On Altruism and Spite in Bimatrix Games
Michail Fasoulakis, Leonidas Bakopoulos, Charilaos Akasiadis, Georgios Chalkiadakis
TL;DR
This work initiates an algorithmic study of altruism and spite in bimatrix games by introducing a parametric transformation $G'=(R',C')$ with $R'=R+\\lambda_R C$ and $C'=C+\\lambda_C R$, enabling analysis of equilibrium complexity and learning dynamics. It establishes PPAD-completeness for exact Nash equilibria in most settings while identifying polynomial-time approximate NE regimes for certain $\\lambda$ values, and presents a gradient-descent framework that alternates strategy and behavioral-parameter optimization to reach low regret. The paper also demonstrates opponent modeling to infer an opponent's altruism/spite level, enabling informed opponent selection and transfer learning across different games to accelerate adaptation. Together, these results bridge algorithmic game theory with machine learning methods to study, learn, and exploit robust altruistic or spiteful behaviors in strategic interactions.
Abstract
One common assumption in game theory is that any player optimizes a utility function that takes into account only its own payoff. However, it has long been observed that in real life players may adopt an altruistic or even spiteful behaviour.

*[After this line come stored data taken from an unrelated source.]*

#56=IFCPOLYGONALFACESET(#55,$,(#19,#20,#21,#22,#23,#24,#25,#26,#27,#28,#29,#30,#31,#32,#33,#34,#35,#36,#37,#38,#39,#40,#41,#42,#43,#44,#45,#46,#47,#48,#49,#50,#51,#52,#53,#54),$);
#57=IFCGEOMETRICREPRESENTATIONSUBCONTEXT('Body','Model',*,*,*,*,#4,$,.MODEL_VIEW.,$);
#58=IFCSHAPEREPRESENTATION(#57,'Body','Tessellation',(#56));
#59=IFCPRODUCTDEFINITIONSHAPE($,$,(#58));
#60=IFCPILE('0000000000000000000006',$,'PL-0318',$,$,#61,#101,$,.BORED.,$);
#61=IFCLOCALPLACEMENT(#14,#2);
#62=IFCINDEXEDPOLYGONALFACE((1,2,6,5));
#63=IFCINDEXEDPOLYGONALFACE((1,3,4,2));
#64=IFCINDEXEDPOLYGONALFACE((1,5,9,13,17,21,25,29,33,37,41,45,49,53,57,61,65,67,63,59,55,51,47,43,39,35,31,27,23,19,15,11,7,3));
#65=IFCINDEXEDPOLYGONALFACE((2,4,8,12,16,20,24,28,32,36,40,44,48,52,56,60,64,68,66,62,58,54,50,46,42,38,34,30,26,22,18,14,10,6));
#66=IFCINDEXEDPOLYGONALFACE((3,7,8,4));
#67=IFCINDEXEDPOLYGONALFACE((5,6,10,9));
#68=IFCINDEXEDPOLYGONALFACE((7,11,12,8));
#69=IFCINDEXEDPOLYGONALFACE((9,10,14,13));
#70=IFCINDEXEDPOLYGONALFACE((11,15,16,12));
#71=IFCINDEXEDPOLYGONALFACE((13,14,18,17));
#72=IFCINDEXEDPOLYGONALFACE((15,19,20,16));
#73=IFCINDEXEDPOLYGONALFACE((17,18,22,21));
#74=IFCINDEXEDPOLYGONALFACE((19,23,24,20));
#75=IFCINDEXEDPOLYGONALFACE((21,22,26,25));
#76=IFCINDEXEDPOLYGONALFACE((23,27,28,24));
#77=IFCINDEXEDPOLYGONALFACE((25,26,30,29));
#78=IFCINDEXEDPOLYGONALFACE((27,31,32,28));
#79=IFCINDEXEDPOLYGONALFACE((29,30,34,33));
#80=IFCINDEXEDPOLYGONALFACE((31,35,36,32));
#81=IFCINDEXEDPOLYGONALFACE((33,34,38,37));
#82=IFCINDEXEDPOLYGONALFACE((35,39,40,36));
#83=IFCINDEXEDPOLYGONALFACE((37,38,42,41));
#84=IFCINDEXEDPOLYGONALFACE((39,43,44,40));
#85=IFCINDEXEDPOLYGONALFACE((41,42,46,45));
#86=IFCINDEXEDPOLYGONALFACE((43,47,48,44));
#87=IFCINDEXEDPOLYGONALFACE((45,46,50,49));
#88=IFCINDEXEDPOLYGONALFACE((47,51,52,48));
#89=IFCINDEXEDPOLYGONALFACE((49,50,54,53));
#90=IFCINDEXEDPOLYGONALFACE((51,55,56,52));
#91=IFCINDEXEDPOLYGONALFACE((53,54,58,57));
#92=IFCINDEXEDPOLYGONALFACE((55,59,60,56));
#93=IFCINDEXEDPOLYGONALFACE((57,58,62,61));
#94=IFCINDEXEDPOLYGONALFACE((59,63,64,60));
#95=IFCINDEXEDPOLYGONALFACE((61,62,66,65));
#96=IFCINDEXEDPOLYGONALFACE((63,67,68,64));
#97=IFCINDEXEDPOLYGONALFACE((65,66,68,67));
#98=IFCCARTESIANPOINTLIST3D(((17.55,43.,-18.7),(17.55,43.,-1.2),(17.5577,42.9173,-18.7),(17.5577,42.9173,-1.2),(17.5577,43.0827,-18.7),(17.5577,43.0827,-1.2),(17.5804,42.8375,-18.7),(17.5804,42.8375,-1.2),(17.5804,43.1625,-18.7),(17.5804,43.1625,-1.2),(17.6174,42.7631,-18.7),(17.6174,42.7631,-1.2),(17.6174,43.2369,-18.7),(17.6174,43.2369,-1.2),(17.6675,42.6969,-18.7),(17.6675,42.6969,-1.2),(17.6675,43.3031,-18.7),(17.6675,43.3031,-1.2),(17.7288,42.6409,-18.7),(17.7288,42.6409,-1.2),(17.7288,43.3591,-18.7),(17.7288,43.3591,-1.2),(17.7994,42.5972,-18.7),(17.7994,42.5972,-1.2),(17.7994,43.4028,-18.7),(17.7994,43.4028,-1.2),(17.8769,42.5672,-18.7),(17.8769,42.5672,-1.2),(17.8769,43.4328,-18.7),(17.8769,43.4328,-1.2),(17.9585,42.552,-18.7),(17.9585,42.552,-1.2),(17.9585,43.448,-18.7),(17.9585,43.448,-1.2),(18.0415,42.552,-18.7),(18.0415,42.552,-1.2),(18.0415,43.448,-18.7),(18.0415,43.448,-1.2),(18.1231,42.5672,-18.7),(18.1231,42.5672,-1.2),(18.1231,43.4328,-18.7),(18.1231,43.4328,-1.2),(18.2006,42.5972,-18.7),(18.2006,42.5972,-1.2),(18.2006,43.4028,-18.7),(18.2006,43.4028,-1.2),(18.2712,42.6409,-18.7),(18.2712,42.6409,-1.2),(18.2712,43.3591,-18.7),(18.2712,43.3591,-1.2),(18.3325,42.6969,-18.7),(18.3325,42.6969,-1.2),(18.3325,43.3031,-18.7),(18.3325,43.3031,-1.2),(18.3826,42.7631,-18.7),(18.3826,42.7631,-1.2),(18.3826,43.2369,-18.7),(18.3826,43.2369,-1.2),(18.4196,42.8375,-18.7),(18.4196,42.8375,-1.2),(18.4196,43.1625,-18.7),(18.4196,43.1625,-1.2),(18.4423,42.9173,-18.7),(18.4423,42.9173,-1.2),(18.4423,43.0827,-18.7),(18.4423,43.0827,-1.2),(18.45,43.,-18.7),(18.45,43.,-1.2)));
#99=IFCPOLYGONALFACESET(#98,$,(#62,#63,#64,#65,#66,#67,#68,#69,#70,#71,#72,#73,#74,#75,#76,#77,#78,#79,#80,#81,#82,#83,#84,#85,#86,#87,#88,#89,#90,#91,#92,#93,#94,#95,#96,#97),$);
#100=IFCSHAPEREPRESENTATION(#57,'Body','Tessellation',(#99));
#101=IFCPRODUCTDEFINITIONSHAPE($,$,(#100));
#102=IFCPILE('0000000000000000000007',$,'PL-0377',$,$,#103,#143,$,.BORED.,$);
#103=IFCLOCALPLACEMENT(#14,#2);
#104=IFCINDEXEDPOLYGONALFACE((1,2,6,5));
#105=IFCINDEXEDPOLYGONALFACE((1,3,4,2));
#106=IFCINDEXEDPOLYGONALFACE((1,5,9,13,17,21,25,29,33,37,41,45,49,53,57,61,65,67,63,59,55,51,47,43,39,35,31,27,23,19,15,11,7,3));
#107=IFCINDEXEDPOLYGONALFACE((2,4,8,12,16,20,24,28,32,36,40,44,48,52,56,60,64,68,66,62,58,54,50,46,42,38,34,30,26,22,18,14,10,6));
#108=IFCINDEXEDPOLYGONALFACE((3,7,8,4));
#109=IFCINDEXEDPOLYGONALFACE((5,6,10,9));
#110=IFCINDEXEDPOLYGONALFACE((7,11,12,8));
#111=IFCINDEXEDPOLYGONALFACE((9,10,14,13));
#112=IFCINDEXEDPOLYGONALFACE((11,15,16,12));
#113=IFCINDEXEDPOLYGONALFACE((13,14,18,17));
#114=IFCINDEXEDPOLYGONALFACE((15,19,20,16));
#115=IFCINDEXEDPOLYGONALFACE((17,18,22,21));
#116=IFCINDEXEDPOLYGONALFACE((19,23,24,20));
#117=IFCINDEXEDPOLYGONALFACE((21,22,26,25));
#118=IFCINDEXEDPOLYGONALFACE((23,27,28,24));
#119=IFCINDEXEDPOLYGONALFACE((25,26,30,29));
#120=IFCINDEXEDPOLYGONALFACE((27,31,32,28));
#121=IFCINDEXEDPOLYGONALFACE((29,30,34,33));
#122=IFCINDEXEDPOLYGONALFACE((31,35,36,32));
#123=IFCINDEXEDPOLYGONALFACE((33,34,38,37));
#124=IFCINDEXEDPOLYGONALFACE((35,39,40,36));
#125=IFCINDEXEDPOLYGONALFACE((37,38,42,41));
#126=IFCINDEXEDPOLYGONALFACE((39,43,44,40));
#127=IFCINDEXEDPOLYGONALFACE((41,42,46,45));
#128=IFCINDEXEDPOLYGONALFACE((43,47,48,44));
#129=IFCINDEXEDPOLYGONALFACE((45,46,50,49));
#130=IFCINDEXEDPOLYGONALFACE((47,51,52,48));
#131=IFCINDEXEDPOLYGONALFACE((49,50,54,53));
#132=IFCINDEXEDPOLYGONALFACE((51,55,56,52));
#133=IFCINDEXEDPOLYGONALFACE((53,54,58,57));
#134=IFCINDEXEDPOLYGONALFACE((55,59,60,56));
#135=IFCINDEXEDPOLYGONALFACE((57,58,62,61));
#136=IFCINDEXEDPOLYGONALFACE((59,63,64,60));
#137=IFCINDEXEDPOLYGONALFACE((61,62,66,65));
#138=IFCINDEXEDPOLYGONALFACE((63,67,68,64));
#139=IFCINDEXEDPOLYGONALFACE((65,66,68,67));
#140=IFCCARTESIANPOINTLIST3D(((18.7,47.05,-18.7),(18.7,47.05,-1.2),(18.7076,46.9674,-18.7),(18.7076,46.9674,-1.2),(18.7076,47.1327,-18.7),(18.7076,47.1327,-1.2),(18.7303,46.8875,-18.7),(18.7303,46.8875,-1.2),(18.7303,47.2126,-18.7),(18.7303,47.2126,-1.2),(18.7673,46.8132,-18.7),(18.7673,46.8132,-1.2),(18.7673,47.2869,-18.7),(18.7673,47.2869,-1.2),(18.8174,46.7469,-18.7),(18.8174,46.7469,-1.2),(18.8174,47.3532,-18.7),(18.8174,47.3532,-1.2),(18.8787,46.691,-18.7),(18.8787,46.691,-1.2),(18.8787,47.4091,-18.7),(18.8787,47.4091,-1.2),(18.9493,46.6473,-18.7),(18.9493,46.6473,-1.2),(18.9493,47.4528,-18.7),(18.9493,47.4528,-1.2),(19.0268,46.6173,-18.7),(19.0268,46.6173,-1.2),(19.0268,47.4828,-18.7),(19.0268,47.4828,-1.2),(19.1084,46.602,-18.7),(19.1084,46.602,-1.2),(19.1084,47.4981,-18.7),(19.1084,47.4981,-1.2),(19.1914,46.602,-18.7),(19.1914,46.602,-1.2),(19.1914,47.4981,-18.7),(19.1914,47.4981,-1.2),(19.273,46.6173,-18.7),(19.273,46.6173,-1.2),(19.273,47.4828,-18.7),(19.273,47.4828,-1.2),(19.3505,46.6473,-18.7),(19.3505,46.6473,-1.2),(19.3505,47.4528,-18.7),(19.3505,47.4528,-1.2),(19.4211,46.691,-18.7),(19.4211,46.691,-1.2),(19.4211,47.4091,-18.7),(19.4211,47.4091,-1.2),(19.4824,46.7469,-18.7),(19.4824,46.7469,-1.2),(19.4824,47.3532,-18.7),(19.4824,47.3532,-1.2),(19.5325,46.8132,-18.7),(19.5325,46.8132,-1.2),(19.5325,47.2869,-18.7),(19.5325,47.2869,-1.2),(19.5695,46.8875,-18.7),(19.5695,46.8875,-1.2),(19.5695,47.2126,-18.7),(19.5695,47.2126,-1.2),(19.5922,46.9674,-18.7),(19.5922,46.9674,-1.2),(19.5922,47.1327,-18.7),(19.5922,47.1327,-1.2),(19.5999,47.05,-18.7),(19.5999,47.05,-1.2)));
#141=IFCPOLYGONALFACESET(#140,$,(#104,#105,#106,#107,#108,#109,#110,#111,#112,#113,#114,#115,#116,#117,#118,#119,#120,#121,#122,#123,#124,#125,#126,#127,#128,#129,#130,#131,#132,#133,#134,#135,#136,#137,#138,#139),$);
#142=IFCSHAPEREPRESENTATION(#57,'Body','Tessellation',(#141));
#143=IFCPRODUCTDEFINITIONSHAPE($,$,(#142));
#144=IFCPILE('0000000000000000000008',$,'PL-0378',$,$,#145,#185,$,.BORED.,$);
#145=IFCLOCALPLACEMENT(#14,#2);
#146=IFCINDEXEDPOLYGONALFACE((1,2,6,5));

As such, there are numerous attempts in the economics literature that strive to explain the fact that players are not entirely selfish, but most of these works do not focus on the algorithmic implications of altruism or spite in games. In this paper, we relax the aforementioned ``self-interest'' assumption, and initiate the study of algorithmic aspects of bimatrix games -- such as the complexity and the quality of their (approximate) Nash equilibria -- under altruism or spite. We provide both a theoretical and an experimental treatment of these topics. Moreover, we demonstrate the potential for learning the degree of an opponent's altruistic/spiteful behaviour, and employing this for opponent selection and transfer of knowledge in bimatrix games.